Goodricke Group Q4 FY26: Heavy Losses Deepen as Seasonal Headwinds Batter Tea Producer

With a market capitalisation of ₹387.00 crores, the micro-cap company faces mounting operational challenges as quarterly revenues crashed 66.10% sequentially to ₹103.85 crores in Q4 FY26, whilst declining 21.23% year-on-year. The stock traded at ₹177.85 on May 27, down 0.95% for the day, reflecting investor concerns about the company's deteriorating financial trajectory and persistent operational headwinds.

Net Loss (Q4 FY26)
₹29.21 Cr
QoQ: Worsened from ₹8.04 Cr profit
Revenue Growth (YoY)
-21.23%
Sequential: -66.10%
Operating Margin (Excl OI)
-23.65%
vs Q3 FY26: 2.68%
PAT Margin
-28.13%
vs Q4 FY25: -27.74%

The March quarter results underscore the structural challenges facing Goodricke Group, with operating profit before depreciation, interest, and tax (excluding other income) turning sharply negative at ₹24.56 crores compared to a negative ₹49.99 crores in Q4 FY25. Whilst this represents a year-on-year improvement, the sequential deterioration from a positive ₹8.21 crores in Q3 FY26 reveals the company's vulnerability to seasonal production cycles and cost pressures that intensify during the winter months when tea production virtually halts.

Quarter Net Sales (₹ Cr) QoQ Growth Net Profit (₹ Cr) Operating Margin (Excl OI) PAT Margin
Mar'26 103.85 -66.10% -29.21 -23.65% -28.13%
Dec'25 306.37 +41.47% 8.04 2.68% 2.62%
Sep'25 216.56 +24.10% 43.53 15.14% 20.10%
Jun'25 174.51 +32.36% 3.19 1.67% 1.83%
Mar'25 131.84 -53.61% -36.57 -37.92% -27.74%
Dec'24 284.22 -10.04% -16.13 -4.44% -5.68%
Sep'24 315.94 60.27 20.76% 19.08%

Financial Performance: A Tale of Extreme Seasonal Volatility

Goodricke Group's Q4 FY26 performance epitomises the brutal reality of tea plantation economics.
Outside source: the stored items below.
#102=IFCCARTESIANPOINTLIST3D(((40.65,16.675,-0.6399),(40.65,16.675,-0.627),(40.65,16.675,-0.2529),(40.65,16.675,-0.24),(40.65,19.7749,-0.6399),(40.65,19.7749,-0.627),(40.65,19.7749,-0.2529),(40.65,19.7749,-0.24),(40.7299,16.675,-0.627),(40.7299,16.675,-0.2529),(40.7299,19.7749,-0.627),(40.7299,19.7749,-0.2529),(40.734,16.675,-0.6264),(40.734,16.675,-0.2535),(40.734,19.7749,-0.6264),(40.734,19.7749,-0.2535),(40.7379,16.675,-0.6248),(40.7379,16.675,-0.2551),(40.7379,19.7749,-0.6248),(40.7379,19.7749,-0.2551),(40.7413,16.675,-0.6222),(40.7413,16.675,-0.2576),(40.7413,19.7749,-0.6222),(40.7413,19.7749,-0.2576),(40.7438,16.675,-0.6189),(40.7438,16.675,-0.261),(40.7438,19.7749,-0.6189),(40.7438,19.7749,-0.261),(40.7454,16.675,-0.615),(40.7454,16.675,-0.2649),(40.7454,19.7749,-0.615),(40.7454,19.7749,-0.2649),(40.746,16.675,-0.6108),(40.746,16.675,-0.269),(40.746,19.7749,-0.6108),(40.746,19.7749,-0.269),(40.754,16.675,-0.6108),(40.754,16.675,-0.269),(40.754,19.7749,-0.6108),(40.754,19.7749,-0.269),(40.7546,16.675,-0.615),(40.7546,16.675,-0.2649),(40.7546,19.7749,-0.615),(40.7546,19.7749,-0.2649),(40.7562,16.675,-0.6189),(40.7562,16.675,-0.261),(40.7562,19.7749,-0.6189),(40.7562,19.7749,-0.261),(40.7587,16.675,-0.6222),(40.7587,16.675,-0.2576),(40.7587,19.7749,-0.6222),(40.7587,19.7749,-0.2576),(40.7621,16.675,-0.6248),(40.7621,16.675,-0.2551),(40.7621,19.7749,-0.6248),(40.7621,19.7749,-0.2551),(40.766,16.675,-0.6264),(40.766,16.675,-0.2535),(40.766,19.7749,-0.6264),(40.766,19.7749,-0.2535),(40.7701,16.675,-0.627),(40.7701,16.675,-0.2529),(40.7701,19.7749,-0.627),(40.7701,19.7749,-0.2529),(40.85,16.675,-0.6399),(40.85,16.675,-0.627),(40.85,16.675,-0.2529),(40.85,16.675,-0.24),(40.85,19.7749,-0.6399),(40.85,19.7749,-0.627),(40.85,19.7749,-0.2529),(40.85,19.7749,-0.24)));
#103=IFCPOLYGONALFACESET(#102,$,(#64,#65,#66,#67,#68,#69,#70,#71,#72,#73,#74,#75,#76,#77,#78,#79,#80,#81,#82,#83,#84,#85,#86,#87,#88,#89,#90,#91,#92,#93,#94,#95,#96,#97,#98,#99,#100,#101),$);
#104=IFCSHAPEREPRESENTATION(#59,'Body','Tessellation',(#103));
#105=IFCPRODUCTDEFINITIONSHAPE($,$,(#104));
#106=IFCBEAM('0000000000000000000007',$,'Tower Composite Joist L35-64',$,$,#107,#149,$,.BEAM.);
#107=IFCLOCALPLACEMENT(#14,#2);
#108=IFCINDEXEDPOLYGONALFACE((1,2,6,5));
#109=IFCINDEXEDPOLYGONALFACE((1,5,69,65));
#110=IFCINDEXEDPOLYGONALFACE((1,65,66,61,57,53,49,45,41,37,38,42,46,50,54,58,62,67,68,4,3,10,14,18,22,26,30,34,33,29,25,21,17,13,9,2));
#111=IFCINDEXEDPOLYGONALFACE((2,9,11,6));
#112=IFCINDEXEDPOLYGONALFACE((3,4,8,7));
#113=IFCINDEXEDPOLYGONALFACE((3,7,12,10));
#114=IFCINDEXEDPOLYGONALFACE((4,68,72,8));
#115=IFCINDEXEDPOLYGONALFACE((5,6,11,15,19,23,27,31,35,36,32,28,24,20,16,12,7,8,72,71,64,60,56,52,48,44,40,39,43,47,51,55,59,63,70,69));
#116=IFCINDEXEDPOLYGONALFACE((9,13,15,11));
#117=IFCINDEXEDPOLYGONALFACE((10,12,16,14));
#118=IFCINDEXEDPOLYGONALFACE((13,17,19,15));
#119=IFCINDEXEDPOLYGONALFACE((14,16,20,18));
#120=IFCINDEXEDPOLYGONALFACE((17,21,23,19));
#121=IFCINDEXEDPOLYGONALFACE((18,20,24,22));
Net sales of ₹103.85 crores marked the lowest quarterly revenue in the trailing twelve-month period, collapsing from ₹306.37 crores in Q3 FY26. The 66.10% sequential contraction reflects the near-cessation of tea production during winter months, when estates generate minimal output but continue to incur substantial fixed costs including employee expenses, maintenance, and administrative overheads.

The year-on-year comparison offers limited comfort, with revenues declining 21.23% from ₹131.84 crores in Q4 FY25. This suggests that beyond seasonal factors, the company faces underlying demand or pricing challenges that are eroding its revenue base even during comparable low-production periods. For the full year FY25, the company posted net sales of ₹929.00 crores, representing 12.90% growth over FY24's ₹823.00 crores, indicating that annual performance masks severe quarterly volatility.

Net Sales (Q4 FY26)
₹103.85 Cr
QoQ: -66.10% | YoY: -21.23%
Net Loss (Q4 FY26)
₹29.21 Cr
From ₹8.04 Cr profit in Q3
Operating Margin (Excl OI)
-23.65%
Q3 FY26: 2.68%
PAT Margin
-28.13%
Q3 FY26: 2.62%

Margin deterioration during Q4 FY26 reached alarming levels. Operating margin (excluding other income) plummeted to negative 23.65% from positive 2.68% in Q3 FY26, whilst PAT margin collapsed to negative 28.13% from positive 2.62% sequentially. The gross profit margin turned deeply negative at -23.40%, indicating that the company's cost of goods sold exceeded revenues by a substantial margin during the quarter. This cost structure rigidity represents a fundamental weakness in the business model, where fixed employee costs of ₹73.82 crores in Q4 FY26 alone consumed 71.09% of quarterly revenues.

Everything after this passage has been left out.